Turns out a film version is very much in the works. Writer/Director Richard LaGravenese wants to make it and Anna Kendrick, she of the perfect pitch, plans to star in it. They'll have to get funding and a male lead still. The right male lead won't be easy to come by. He's got to be a) convincingly Jewish b) comedically and dramatically gifted c) blessed with enough sexual and intellectual charisma to have the audience buy into his sudden literary stardom and understand if not quite forgive his extramarital flings and he's got to be able to sell the show's single best dramatic song "Nobody Needs to Know". 

It's tough to imagine anyone surpassing Norbert Leo Butz and Sherie Rene Scott who originated the roles off Broadway but that's a problem that only those theater aficionados who were lucky enough to see it during its run in 2002 have to contend with.

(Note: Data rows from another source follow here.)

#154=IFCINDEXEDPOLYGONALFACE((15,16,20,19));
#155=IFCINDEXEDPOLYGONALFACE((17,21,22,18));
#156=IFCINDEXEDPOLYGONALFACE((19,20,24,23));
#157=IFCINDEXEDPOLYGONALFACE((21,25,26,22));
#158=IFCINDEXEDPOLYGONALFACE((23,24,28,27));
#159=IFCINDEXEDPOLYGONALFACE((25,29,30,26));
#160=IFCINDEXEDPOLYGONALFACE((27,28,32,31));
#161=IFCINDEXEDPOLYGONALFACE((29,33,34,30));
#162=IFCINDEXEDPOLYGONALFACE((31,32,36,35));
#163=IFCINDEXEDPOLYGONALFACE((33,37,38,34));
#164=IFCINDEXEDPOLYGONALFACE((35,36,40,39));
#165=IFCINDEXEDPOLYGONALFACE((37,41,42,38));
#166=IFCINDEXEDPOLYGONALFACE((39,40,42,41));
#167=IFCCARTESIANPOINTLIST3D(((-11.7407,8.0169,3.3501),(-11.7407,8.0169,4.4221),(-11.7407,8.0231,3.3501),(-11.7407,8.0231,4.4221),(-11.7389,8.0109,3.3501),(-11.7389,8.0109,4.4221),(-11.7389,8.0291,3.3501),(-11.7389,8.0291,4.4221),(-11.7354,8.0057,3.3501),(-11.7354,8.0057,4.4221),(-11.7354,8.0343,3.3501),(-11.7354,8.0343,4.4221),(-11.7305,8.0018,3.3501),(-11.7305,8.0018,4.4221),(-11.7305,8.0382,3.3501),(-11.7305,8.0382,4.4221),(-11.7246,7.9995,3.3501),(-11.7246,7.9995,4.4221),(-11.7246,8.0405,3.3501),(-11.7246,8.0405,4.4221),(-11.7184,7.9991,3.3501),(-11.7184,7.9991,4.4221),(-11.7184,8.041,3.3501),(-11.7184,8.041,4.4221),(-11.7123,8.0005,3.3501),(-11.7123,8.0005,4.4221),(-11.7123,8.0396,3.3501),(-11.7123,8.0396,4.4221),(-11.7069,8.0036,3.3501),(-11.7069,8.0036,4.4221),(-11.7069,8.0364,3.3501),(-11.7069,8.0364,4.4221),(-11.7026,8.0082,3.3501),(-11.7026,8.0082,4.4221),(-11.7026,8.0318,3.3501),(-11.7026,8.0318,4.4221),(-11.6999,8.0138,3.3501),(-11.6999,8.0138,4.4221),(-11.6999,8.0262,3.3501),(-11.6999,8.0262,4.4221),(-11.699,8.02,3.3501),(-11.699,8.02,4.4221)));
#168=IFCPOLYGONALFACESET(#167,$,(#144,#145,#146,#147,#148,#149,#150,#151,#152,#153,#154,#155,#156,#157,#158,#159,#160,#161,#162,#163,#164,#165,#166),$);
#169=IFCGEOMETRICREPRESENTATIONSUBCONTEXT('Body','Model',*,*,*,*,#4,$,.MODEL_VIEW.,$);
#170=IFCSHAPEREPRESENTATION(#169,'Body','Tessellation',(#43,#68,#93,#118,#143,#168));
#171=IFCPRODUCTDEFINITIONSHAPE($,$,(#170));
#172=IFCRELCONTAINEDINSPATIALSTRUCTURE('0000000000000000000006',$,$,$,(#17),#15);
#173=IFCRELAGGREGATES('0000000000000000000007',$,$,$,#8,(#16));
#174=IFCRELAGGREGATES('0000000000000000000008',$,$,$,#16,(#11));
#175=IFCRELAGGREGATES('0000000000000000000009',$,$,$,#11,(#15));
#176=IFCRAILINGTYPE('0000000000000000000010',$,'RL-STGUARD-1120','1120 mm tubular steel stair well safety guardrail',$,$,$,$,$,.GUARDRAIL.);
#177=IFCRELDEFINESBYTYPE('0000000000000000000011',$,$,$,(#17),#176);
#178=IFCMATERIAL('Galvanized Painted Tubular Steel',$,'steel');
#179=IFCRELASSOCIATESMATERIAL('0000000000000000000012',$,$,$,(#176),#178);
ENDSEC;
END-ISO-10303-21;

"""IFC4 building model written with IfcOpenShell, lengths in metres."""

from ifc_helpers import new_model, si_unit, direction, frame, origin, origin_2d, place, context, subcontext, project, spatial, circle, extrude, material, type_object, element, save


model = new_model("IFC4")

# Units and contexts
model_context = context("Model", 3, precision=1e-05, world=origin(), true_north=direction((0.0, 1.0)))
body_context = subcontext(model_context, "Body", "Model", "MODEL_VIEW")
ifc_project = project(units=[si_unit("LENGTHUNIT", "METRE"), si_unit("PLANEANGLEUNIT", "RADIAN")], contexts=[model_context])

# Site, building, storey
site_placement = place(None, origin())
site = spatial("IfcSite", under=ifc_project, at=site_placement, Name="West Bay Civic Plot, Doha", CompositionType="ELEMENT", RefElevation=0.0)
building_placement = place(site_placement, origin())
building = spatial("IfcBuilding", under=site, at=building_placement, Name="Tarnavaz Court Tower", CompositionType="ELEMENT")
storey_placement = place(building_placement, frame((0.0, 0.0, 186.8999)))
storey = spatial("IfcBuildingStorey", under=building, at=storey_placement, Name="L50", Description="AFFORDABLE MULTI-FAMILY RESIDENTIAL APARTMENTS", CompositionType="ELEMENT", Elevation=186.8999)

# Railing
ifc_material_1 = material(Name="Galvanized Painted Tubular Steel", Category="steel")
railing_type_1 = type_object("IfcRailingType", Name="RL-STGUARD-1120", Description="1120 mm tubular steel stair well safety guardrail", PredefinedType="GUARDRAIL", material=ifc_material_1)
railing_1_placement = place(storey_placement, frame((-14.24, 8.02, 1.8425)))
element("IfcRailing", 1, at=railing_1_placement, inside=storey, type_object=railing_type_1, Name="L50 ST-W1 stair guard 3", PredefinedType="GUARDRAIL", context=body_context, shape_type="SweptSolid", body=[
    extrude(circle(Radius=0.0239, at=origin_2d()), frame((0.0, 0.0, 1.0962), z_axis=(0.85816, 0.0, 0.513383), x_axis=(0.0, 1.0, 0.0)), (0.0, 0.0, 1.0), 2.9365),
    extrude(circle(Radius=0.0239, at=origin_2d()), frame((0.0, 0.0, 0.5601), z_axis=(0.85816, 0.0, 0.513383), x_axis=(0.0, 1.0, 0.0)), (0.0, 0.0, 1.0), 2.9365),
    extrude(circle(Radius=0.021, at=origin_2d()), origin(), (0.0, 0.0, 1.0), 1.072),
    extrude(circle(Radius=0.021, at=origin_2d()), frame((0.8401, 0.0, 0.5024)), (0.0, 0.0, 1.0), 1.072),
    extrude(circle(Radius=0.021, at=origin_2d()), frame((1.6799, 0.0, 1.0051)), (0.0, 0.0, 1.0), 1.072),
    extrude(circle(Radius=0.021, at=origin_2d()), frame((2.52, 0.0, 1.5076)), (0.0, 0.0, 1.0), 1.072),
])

One of Broadway's best - Sherie Rene Scott

I'm not sure what to make of this filmmaking combo. LaGravenese's work is all over the place quality wise from the sublime (The Fisher King's screenplay) to the let's-not-talk-about-that (two poorly received Hilary Swank vehicles for starters.) Anna Kendrick won't have any trouble selling the comedy or the vocals but it's tough to imagine Kendrick, who has made her career on scarily driven type A bitches (Camp, Up in the Air) who would eat Cathy alive, selling her frustrating doormat qualities and lack of confidence with the endearing comic neurosis and empathic sweetness that Sherie Rene Scott mastered. I love Kendrick's voice and y'all know I am thrilled that we're arriving in a place (possibly) where actors with actual vocal gifts are routinely cast in musicals, but the role is just such a 180º from the roles that made her famous.

Are there any other Last Five Years fans in the house? Speak up. Convince your fellow TFE readers to grab that CD.